ABSTRACT
Chromitite pods, newly discovered in the Iraqi Zagros Suture Zone, were studied in this research, which can be considered the most comprehensive work conducted in the area so far. The study was carried out in the Kolaka area of the Mergasur district, where the chromitite pods and their host serpentinized peridotite are within the Walash Group. The study covered petrography, mineral chemistry, whole-rock geochemistry (major, trace, REE, and PGEs), and parental melt (magma) compositions.
Cr-spinel (magnesiochromite) is the essential mineral in these chromitites with lesser amounts of serpentine, olivine, pyroxene, and as accessory minerals in serpentinized peridotite. These chromitites display massive, disseminated, fractured, brecciated, and sieve textures. The host rock shows a mesh texture and retains some olivine and pyroxene grains. The magnesiochromites in chromitite consist of 57.80 wt.% Cr2O3, 14.72 wt.% FeOt, 14.11 wt.% MgO, and 12.00 wt.% Al2O3, and minor amounts of MnO 0.21 wt.%, TiO2 0.18 wt.%, NiO 0.17 wt.%; their average Cr#, Mg#, Al#, and Fe3+# values are 0.76, 0.68, 0.23, and 0.04, respectively. The accessory magnesiochromite in the serpentinized peridotite contains 48.39 wt.% Cr2O3, 18.95 wt.% Al2O3, 18.89 wt.% FeOt, and 11.67 wt.% MgO, and minor amounts of MnO 0.29 wt.%, TiO2 0.20 wt.%, ZnO 0.17 wt.%; their average Cr#, Mg#, Al#, and Fe3+# values are 0.63, 0.56, 0.36, and 0.03, respectively. Various tectonic discrimination diagrams, in addition to those based on the parental melt compositions of Al2O3, TiO2, and FeO/MgO, indicate that the Kolaka chromitites are high-Cr, low-Ti, ophiolitic, originated from boninitic magmas within a suprasubduction zone as a part of a Fore-arc tectonic setting during the development of the Taurus (Turkey) – Zagros (Iran/Iraq) Ophiolite Belt. The selective major, minor, and trace elements diagram in the magnesiochromites of the studied chromitite is normalized to the composition of the same elements in chromite from MORB, compared with those from different tectonic settings, such as the high-Cr and high-Al chromitites in ophiolites, komatiites, and layered mafic intrusions, showing that the high-Cr magneisochromites of the studied chromitite are similar to the internationally known high-Cr chromitites.
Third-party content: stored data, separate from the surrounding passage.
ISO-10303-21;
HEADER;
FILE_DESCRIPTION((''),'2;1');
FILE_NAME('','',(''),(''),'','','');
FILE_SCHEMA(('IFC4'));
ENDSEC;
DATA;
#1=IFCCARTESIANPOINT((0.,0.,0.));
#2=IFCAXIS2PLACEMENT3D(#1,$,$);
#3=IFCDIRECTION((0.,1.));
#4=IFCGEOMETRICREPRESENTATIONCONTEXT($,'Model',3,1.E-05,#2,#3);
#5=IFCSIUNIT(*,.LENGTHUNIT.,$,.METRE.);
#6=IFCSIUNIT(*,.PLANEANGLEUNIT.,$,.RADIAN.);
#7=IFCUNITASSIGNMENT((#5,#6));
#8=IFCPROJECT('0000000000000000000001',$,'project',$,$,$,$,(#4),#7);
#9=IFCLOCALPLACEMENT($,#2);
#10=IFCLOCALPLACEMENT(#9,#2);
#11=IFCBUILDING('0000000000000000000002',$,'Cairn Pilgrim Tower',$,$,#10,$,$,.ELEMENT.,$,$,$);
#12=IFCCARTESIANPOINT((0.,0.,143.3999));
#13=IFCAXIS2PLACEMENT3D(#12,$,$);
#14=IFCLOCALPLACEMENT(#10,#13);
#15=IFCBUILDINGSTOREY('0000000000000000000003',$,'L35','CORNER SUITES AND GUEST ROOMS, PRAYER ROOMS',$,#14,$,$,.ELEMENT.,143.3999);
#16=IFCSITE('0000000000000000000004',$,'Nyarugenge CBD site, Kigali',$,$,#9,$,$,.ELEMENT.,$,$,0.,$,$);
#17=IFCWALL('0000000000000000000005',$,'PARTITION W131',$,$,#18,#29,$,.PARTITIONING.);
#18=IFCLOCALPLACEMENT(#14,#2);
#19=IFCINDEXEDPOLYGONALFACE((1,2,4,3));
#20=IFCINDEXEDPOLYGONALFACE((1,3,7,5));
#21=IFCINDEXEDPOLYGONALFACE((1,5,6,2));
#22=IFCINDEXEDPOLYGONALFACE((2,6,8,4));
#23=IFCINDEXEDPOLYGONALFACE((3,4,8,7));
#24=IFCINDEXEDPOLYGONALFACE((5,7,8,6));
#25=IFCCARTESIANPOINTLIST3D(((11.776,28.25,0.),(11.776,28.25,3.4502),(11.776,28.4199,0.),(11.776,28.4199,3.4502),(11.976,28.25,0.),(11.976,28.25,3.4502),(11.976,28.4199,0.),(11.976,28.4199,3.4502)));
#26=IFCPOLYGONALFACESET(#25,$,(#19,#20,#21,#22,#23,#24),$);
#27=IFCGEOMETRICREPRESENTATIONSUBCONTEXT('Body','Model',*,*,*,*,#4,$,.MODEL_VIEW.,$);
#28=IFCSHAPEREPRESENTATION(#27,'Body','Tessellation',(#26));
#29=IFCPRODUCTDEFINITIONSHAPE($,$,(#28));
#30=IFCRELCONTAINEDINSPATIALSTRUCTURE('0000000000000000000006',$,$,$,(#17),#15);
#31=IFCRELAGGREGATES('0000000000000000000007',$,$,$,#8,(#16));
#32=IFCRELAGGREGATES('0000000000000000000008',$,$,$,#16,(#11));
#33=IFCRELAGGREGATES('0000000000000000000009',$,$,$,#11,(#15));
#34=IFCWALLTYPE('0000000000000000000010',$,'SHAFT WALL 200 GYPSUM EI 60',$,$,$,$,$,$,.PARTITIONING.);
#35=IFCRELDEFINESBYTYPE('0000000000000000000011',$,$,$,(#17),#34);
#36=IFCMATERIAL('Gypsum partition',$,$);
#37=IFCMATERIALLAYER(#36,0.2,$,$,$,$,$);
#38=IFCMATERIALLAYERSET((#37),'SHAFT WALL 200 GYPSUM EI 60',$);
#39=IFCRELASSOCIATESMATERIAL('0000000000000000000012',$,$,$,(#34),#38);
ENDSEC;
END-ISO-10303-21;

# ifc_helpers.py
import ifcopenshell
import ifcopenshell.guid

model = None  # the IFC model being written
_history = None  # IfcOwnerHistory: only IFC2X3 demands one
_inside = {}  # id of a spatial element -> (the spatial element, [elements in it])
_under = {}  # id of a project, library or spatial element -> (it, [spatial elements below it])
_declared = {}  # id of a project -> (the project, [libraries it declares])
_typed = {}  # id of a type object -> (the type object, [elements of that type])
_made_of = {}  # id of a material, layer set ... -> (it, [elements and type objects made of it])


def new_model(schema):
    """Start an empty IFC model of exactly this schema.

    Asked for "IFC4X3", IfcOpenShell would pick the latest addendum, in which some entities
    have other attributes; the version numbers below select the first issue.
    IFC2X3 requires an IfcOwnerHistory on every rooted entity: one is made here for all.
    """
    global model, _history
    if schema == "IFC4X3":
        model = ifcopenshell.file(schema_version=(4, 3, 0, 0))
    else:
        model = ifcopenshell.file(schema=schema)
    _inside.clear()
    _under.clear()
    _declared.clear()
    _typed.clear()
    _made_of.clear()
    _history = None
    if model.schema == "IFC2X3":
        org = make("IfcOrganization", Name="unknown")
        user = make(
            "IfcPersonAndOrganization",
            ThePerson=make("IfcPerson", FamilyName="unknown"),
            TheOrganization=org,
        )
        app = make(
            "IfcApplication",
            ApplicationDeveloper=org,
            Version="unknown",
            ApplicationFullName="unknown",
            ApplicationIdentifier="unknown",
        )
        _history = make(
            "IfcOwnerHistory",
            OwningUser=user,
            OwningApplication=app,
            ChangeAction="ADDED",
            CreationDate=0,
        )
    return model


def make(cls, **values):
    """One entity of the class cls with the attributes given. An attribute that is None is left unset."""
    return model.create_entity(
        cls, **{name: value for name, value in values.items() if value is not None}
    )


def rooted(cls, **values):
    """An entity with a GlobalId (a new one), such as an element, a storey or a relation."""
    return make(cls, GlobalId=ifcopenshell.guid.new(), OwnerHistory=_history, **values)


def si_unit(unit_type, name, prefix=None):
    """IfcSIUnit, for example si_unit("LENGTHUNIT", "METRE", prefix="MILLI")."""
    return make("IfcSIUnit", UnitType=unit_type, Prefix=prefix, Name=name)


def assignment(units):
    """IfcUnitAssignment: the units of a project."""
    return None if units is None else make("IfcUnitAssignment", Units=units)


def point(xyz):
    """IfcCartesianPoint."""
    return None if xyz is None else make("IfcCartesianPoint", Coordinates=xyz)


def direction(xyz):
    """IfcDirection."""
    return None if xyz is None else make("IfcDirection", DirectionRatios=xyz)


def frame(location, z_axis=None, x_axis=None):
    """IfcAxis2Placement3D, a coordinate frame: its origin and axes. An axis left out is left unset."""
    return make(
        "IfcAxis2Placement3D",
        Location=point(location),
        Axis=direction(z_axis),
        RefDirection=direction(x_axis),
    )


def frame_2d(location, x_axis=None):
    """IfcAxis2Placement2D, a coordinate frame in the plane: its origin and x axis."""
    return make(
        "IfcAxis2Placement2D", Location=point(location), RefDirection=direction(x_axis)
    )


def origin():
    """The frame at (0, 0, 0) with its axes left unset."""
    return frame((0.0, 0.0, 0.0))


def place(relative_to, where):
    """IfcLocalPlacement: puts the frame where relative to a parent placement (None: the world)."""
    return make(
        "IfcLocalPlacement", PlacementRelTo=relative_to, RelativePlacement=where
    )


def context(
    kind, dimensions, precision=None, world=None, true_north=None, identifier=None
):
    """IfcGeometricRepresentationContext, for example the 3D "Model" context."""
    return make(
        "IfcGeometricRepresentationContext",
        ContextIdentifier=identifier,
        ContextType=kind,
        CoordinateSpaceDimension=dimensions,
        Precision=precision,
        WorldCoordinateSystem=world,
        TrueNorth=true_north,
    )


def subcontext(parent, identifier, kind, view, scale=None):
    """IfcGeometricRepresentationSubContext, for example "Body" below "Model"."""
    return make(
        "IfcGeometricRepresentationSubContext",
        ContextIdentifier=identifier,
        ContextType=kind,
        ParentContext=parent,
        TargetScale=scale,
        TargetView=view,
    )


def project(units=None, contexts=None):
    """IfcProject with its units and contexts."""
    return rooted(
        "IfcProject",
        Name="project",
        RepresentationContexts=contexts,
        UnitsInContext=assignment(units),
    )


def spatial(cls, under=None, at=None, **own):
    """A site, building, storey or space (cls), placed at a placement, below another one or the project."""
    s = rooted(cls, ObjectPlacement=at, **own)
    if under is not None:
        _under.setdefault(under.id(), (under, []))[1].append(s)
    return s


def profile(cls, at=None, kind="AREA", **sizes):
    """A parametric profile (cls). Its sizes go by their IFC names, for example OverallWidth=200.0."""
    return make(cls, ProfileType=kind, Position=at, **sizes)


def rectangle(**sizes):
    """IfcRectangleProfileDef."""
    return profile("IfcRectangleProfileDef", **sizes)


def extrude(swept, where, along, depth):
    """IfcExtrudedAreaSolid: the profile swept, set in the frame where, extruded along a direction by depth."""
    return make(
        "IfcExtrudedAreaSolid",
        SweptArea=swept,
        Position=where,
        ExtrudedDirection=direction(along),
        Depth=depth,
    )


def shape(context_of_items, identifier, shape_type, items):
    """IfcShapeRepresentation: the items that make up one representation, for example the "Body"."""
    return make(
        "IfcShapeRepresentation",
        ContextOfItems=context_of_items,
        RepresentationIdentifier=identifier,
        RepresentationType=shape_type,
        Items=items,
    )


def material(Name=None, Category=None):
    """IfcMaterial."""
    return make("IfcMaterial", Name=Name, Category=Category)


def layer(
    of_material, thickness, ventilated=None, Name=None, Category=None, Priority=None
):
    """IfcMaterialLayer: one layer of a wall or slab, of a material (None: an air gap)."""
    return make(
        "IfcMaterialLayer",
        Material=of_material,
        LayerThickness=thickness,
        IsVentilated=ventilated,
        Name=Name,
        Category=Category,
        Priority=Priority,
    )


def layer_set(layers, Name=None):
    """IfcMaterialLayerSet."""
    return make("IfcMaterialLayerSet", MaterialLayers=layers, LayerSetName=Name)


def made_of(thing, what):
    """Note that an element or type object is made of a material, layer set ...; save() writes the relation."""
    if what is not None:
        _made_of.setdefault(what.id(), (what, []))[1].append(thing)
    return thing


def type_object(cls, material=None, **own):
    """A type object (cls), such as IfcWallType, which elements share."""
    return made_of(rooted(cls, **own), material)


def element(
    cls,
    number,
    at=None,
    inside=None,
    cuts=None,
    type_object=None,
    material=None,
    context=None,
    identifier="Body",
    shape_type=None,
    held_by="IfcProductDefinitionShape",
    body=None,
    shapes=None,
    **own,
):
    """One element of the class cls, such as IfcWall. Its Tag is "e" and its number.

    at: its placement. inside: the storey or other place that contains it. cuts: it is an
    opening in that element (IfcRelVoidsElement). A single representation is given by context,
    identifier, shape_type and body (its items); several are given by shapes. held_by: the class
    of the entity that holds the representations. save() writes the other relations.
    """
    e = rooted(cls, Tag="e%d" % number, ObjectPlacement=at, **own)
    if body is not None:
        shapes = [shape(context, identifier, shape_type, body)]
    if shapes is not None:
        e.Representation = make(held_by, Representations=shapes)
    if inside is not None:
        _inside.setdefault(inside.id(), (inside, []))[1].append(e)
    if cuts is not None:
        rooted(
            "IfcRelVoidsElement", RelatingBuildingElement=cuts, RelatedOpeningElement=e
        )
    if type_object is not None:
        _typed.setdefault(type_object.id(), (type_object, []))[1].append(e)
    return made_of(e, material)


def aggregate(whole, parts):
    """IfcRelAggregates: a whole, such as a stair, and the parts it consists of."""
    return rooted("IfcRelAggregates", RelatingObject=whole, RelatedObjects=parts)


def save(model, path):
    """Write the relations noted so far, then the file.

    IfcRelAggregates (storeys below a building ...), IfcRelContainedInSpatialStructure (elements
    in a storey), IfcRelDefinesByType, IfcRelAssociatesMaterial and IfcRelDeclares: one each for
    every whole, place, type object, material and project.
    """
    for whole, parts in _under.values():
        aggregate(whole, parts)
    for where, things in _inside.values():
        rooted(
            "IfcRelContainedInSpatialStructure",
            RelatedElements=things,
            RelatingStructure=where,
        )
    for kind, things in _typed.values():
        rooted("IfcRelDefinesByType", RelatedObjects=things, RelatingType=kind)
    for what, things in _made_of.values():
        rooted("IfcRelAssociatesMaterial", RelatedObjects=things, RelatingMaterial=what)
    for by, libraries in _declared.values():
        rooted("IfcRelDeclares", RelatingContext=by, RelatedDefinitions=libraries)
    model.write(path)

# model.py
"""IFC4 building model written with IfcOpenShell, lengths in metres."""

from ifc_helpers import new_model, si_unit, direction, frame, frame_2d, origin, place, context, subcontext, project, spatial, rectangle, extrude, material, layer, layer_set, type_object, element, save


model = new_model("IFC4")

# Units and contexts
model_context = context("Model", 3, precision=1e-05, world=origin(), true_north=direction((0.0, 1.0)))
body_context = subcontext(model_context, "Body", "Model", "MODEL_VIEW")
ifc_project = project(units=[si_unit("LENGTHUNIT", "METRE"), si_unit("PLANEANGLEUNIT", "RADIAN")], contexts=[model_context])

# Site, building, storey
site_placement = place(None, origin())
site = spatial("IfcSite", under=ifc_project, at=site_placement, Name="Nyarugenge CBD site, Kigali", CompositionType="ELEMENT", RefElevation=0.0)
building_placement = place(site_placement, origin())
building = spatial("IfcBuilding", under=site, at=building_placement, Name="Cairn Pilgrim Tower", CompositionType="ELEMENT")
storey_placement = place(building_placement, frame((0.0, 0.0, 143.3999)))
storey = spatial("IfcBuildingStorey", under=building, at=storey_placement, Name="L35", Description="CORNER SUITES AND GUEST ROOMS, PRAYER ROOMS", CompositionType="ELEMENT", Elevation=143.3999)

# Shared definitions
ifc_material_1 = material(Name="Gypsum partition")

# Wall
ifc_layer_1 = layer(ifc_material_1, 0.2)
ifc_layer_set_1 = layer_set([ifc_layer_1], Name="SHAFT WALL 200 GYPSUM EI 60")
wall_type_1 = type_object("IfcWallType", Name="SHAFT WALL 200 GYPSUM EI 60", PredefinedType="PARTITIONING", material=ifc_layer_set_1)
wall_1_placement = place(storey_placement, frame((11.876, 28.25, 0.0), z_axis=(0.0, 0.0, 1.0), x_axis=(0.0, 1.0, 0.0)))
element("IfcWall", 1, at=wall_1_placement, inside=storey, type_object=wall_type_1, Name="PARTITION W131", PredefinedType="PARTITIONING", context=body_context, shape_type="SweptSolid", body=[
    extrude(rectangle(XDim=0.1699, YDim=0.2, at=frame_2d((0.085, 0.0))), origin(), (0.0, 0.0, 1.0), 3.4502),
])

save(model, "model.ifc")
The whole-rock geochemistry indicates that the studied chromitites are dominantly composed of Cr2O3, MgO, Fe2O3, and Al2O3. The average Cr2O3 contents are 47.09 wt. %, indicating that the high-Cr group has a higher Cr2O3 content (>40%). The ΣREE is very low in the studied chromitites, ranging from 0.02 to 1.56 ppm. The ΣPGE in the chromitites is very low, ranging from 99 to 285 ppb, and the ƩIPGE is enriched relative to ƩPPGE by a factor ranging from 1.86 to 6.31. The chondrite-normalized PGE diagram shows a distinct Ru hump and a Pt trough in high-Cr chromitites, which are similar to those of the corresponding chromitites in NW-Iran, SE-Turkey, and many other regions worldwide, despite the studied chromitites having significantly lower PGE concentrations. The Pd/Ir vs. Pt/Pt* diagram shows that the studied chromitites follow the partial melting trend, they were formed as a result of partial melting of the mantle, rather than by later alteration or other processes. The Pd vs Cu plot indicates that they are S-undersaturated; and the (Pt/Pd)n vs. (Pt/Ir)n classification diagram for PGE shows that the chromite belongs to Group-I.
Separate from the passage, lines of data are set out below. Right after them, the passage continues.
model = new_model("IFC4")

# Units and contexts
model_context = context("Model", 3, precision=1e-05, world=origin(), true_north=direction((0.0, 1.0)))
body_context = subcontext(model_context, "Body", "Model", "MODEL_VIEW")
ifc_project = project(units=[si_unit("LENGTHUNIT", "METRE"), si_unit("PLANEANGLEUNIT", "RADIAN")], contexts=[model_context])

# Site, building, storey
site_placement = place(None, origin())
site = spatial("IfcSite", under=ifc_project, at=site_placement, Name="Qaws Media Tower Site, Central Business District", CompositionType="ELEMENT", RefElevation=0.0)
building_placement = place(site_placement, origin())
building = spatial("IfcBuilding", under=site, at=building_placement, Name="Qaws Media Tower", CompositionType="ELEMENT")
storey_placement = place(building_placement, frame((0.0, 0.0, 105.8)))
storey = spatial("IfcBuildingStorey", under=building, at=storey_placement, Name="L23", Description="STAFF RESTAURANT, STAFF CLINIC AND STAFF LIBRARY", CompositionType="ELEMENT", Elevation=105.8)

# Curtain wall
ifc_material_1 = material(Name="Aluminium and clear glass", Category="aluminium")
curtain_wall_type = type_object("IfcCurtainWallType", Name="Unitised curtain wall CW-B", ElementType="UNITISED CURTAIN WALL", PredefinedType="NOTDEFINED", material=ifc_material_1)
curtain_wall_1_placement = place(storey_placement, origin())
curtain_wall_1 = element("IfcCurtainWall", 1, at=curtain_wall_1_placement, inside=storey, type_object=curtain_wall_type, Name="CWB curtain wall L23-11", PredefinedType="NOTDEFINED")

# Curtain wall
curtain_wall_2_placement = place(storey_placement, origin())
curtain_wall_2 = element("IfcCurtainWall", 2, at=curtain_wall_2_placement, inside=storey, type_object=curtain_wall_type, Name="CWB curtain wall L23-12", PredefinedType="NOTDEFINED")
The Kolaka chromitite of arc origin formed within the suprasubduction zone and was emplaced as a part of the obducted oceanic crust during the collision between the Turkish-Iranian microplate (Eurasian Plate) with the Arabian microplate (Afro-Arabian Plate) during the Cretaceous-Eocene. In general, they share properties with their counterparts in the Taurus-Zagros ophiolite belt, which is a part of the Alpine-Himalayan Orogenic Belt.